The Final Take with Parker Mott

The Most Underrated Films of 2010

by on Jan.05, 2011, under Essays and Other Works

My final list recollecting on the flops and the top of the pops. These movies were the ones that either made no money or did reasonably well at the box office but no one appreciated them nearly as well as they should have been. I commend these films in that they all have an importance and relevance and speak in ways too unfamiliar to modern day audiences. The most interesting films today and perhaps always are the ones that challenge your expectations. That is also why they do so poorly. This is the crisis of modern day cinema; lest it changes, true cinema is in trouble.

IN NO PARTICULAR ORDER

HM: Wall Street: Money Never Sleeps – it made no money but I certainly wasn’t sleepin’.

Chloe: I met Adam Egoyan in Toronto and he told me this (underrated) film of his was a devilish turn on eroticism – to paraphrase. That is Chloe. One that hinges on a lecherous gaze, convoluted narrative, and ambiguous storytelling. None of the characters ever earn the credence to be liked inasmuch trusted. Excluding the ending, Chloe is a delicate yet exciting film that pounces on your expectations and explains most prominently: Chloe does not find something to love in everybody, but something to obsess about. The audiences were not smiling at this film, but I’m sure Hitchcock would. Nevertheless, I scoffed in discord when a critic remarked about the film: “You can call it fromage but it’s still cheese.”

The American: This is a samurai movie. Its feel is rigid, suspenseful, but graced with Zen. Referring to such films like Melville’s Le Samourai or Jarmusch’s Limits of Control, The American is a restrained drama, wrongly advertised as an ‘action’ film. Constant blather against the film has been “boring”, “dumb”, “pretentious”, and “Clooney tunes on mute” – okay I made that one up. But never have I seen such a handsome, suave, and reputable actor like George Clooney been constrained to a character who actually sits and thinks instead of running with his hand on the trigger all the time. Anton Corbijn, who directed the excellent Control, shoots The American with a gloomy, poetic style. But this is not exhibition; this is a drama that’s suspense grips us past our own control.

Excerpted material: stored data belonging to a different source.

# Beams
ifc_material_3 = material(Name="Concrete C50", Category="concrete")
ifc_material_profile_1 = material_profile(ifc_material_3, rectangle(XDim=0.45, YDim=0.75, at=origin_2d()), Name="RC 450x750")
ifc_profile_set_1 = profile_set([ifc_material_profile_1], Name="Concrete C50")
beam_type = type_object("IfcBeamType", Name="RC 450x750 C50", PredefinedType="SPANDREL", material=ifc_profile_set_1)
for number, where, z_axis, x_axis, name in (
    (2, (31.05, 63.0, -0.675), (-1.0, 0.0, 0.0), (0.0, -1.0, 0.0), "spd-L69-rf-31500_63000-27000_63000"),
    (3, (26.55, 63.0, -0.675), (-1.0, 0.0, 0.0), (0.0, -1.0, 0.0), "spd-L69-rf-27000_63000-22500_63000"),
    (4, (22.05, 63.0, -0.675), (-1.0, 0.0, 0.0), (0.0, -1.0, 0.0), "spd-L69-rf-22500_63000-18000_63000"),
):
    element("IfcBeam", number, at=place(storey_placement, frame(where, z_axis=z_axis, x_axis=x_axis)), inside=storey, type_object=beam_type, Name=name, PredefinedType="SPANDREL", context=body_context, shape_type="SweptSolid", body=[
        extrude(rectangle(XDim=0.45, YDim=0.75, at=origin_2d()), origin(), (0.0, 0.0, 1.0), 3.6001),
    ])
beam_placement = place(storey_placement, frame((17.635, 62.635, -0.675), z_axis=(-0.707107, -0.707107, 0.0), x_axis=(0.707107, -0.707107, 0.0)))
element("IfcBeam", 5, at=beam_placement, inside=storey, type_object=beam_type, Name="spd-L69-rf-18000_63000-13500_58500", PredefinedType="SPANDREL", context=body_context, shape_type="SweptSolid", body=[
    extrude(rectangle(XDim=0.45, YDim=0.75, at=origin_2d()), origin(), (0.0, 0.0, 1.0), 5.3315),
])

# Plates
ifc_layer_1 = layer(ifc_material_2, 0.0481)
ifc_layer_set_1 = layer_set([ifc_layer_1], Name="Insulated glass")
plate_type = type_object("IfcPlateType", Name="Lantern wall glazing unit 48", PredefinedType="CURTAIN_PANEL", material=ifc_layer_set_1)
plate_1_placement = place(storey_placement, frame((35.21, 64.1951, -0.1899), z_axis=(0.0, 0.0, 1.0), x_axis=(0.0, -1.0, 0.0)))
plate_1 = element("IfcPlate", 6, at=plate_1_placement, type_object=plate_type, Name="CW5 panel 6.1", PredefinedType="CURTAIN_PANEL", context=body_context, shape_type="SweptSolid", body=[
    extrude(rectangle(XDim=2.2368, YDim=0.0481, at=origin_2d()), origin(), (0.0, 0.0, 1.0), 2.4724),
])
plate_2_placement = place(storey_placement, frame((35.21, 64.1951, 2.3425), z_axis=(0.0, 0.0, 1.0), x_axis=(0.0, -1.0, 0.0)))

Love & Other Drugs: Contrasting the other two, Zwick’s dramedy Love & Other Drugs is not a great movie, but it is thoroughly enjoyable and stretching for the mainstream audience. It made only 44 million worldwide on a 30 million dollar budget, which may be a factor of the amount of risks the film takes. It has side bits of dimwitted slapstick, but hurdles past those loop holes to some sincere drama that makes these characters thinking organisms and not mechanisms of a contrived plot. Gyllenhaal is such a talented and diverse actor, who reminded me of a hip Jerry Maguire. You know what? I liked this more than Jerry Maguire, because Love & Other Drugs focuses just as much on those “other drugs” – the main character’s addiction to talking the talk through life. His love (played by Anne Hathaway) simply shows him walking the walk.

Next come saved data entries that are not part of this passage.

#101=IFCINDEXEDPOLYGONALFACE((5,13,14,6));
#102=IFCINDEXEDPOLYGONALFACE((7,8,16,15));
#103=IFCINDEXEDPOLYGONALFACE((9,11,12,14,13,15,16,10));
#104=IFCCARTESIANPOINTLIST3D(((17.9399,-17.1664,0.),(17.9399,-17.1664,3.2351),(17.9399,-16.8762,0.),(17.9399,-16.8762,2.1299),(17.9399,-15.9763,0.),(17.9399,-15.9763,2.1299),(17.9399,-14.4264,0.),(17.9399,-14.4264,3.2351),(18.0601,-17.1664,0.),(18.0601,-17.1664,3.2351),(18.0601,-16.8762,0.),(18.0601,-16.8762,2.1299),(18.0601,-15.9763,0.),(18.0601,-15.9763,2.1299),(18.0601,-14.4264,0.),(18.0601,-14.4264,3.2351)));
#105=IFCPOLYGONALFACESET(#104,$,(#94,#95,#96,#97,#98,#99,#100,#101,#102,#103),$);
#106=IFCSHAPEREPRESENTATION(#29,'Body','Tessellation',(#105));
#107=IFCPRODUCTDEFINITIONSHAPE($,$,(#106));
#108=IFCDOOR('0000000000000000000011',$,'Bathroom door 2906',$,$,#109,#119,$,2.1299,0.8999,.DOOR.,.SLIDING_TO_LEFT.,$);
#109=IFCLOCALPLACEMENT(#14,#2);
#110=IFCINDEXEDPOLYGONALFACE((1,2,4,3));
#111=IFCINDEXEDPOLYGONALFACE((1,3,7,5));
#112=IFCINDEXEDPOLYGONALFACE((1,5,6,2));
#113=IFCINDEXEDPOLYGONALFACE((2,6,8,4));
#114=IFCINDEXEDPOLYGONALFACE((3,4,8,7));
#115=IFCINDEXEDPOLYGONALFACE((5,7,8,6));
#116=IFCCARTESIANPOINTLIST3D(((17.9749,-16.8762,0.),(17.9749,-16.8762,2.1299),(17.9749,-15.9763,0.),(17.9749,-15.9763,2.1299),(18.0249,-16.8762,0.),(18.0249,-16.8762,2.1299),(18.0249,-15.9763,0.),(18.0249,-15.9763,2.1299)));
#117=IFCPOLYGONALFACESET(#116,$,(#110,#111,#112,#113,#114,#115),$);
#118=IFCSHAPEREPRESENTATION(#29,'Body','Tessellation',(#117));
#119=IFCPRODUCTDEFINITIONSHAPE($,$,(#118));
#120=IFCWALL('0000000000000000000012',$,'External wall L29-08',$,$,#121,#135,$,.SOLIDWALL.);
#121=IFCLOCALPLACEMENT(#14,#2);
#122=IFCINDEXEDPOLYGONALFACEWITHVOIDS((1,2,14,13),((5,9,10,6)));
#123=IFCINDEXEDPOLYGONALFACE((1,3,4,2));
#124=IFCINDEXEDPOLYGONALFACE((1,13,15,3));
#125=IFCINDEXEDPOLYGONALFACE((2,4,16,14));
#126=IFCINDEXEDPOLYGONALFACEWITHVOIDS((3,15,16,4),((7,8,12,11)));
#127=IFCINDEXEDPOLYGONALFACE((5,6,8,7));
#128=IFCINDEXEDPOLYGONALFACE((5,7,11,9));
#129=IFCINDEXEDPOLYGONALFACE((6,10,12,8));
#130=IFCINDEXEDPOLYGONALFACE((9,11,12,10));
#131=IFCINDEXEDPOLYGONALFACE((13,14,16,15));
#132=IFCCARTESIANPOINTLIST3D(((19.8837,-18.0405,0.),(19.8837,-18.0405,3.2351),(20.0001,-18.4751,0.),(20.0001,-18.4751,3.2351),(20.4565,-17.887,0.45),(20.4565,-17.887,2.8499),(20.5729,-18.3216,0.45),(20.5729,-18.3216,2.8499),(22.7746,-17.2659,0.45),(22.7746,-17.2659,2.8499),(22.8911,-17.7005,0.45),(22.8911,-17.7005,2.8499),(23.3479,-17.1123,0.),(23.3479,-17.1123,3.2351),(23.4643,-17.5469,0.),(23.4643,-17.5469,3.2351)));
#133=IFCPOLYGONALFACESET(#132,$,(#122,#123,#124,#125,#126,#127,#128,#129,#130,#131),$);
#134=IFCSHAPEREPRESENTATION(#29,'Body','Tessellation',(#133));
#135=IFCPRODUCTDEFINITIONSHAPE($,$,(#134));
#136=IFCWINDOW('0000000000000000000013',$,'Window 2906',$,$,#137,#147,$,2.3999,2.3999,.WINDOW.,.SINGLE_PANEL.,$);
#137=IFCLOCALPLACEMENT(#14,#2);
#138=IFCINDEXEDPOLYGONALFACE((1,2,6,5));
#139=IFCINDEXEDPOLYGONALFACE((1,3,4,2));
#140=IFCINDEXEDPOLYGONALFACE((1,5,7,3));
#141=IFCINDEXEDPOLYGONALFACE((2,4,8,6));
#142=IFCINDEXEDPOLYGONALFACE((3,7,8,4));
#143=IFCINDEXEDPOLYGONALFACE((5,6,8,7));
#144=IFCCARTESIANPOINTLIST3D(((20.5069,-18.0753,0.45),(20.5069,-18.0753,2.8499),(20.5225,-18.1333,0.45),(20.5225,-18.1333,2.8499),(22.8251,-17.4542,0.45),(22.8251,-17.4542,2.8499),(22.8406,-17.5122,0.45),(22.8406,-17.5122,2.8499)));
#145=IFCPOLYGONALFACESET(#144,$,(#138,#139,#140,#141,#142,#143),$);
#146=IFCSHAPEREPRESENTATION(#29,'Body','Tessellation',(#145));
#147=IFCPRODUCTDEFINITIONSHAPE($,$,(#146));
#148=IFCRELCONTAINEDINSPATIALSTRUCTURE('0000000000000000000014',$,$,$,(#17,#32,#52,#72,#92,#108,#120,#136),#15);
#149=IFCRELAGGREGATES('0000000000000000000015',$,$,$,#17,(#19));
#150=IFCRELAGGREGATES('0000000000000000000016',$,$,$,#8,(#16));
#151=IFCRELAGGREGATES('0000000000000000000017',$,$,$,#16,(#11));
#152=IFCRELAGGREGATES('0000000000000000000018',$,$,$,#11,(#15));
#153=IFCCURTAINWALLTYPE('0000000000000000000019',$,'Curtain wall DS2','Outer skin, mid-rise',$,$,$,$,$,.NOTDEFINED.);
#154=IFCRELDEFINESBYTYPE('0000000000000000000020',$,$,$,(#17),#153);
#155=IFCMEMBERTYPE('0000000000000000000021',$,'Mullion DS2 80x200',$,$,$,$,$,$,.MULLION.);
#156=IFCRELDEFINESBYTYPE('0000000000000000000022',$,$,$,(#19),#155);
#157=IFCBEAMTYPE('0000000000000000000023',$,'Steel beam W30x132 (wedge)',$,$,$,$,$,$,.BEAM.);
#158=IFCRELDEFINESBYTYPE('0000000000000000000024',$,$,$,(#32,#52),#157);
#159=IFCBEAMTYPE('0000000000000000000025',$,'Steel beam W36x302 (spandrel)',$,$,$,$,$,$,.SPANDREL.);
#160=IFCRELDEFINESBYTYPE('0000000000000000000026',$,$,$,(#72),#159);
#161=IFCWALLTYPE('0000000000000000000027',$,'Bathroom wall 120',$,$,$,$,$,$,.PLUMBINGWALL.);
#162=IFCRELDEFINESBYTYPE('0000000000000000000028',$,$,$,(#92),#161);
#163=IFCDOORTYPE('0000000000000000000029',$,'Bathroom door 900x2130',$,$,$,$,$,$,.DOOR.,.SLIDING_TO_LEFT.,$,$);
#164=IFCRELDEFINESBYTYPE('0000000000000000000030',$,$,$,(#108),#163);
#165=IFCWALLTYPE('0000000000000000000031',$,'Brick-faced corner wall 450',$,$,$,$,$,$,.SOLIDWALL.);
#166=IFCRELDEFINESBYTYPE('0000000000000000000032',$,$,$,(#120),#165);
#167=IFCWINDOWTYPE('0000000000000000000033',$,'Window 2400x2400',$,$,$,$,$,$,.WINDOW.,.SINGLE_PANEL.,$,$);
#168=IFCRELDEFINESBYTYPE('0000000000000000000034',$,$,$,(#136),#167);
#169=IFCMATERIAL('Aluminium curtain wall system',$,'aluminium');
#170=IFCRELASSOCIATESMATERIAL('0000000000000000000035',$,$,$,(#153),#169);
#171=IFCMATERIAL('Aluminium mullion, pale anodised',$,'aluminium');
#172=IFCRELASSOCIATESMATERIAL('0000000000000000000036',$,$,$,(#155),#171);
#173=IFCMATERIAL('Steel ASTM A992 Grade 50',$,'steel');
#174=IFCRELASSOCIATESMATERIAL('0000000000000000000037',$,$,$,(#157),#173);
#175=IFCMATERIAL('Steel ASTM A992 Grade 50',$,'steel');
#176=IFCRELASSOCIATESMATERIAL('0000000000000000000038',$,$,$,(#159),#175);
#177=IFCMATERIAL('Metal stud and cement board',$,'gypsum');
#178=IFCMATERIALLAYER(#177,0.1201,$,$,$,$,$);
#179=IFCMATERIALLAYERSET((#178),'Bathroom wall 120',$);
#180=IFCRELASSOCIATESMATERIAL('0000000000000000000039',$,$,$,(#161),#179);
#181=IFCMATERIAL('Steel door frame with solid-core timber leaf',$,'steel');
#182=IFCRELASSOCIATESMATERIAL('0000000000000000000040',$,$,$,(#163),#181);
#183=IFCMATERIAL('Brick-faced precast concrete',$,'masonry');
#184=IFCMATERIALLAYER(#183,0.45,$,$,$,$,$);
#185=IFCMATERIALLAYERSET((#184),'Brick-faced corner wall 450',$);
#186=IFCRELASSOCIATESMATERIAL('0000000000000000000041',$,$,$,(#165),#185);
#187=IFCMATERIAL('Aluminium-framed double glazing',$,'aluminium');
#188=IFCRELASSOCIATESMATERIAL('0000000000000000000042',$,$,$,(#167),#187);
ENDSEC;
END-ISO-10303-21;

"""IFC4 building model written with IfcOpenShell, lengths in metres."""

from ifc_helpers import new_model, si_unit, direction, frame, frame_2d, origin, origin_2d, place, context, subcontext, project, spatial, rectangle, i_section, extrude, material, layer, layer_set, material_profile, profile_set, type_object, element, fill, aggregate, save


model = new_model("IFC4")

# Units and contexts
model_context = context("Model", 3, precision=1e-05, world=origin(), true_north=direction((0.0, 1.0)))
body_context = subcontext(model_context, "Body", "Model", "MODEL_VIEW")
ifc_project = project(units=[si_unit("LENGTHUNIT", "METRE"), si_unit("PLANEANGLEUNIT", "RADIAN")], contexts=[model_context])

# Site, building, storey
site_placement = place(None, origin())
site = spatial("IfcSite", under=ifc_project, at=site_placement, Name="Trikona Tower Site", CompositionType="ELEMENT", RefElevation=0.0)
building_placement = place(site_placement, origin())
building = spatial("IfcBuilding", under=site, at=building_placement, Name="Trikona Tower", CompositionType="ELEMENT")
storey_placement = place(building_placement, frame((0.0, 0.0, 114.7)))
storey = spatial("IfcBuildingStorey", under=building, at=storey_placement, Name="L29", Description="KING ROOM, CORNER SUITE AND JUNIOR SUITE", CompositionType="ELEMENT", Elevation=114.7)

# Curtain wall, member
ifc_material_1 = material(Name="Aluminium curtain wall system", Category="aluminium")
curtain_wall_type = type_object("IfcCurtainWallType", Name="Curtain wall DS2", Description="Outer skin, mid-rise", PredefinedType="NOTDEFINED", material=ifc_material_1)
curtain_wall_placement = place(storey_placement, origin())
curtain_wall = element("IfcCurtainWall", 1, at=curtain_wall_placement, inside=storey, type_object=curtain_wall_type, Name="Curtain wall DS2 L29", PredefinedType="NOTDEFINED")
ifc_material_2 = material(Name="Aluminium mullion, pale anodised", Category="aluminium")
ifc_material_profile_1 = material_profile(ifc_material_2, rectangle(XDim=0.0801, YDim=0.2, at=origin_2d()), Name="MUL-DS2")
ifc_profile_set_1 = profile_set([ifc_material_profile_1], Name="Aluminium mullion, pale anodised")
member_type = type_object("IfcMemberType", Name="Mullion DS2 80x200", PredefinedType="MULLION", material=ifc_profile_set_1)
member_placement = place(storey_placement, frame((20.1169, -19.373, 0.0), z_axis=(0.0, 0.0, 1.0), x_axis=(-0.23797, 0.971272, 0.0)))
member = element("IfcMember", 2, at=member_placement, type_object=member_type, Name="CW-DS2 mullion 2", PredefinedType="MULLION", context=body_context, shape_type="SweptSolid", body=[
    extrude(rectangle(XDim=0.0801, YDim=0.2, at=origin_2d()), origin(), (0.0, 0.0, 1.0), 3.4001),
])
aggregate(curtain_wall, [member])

Flipped: Where did this film run off to? I saw the trailer when I went to see the Karate Kid. That made a bundle, but this is a superior, one-hour shorter coming-of-age love story that went under the radar and out into oblivion. It is narrated adorably: from both the boy’s and girl’s point of view, in which we receive an objective crush. It goes off in crazy directions, but Rob Reiner is so familiar with the mannerisms of children but he never exploits children as delinquents, but the flawed learning kind occupied by their parents – who are just as erratic as they are. I smiled the whole way through, but lamented after because it made barely 1 million dollars worldwide. Another charmer gone to waste.

You Don’t Know Jack: Understandably this film was overlooked since it only played on HBO for a few weeks. But this film, about euthanasia activist, pathologist Jack Kevorkian (the dazzling, should-be-Oscar-worthy Al Pacino) who quarrelled with the government on the verity of euthanasia. It won’t necessarily change your disposition on euthanasia but it will force you to wear your thinking hat. This film is long, but enjoyably so, and intriguing the more and more it develops. I wish more people saw it and if not, choose to rent it now. What you will receive is a film directed by a political connoisseur Barry Levinson (Wag The Dog – good film) whose most assertive and apt skill in cinema is satire. This one is satirical but fiercely important in its message.

HAPPY NEW YEAR!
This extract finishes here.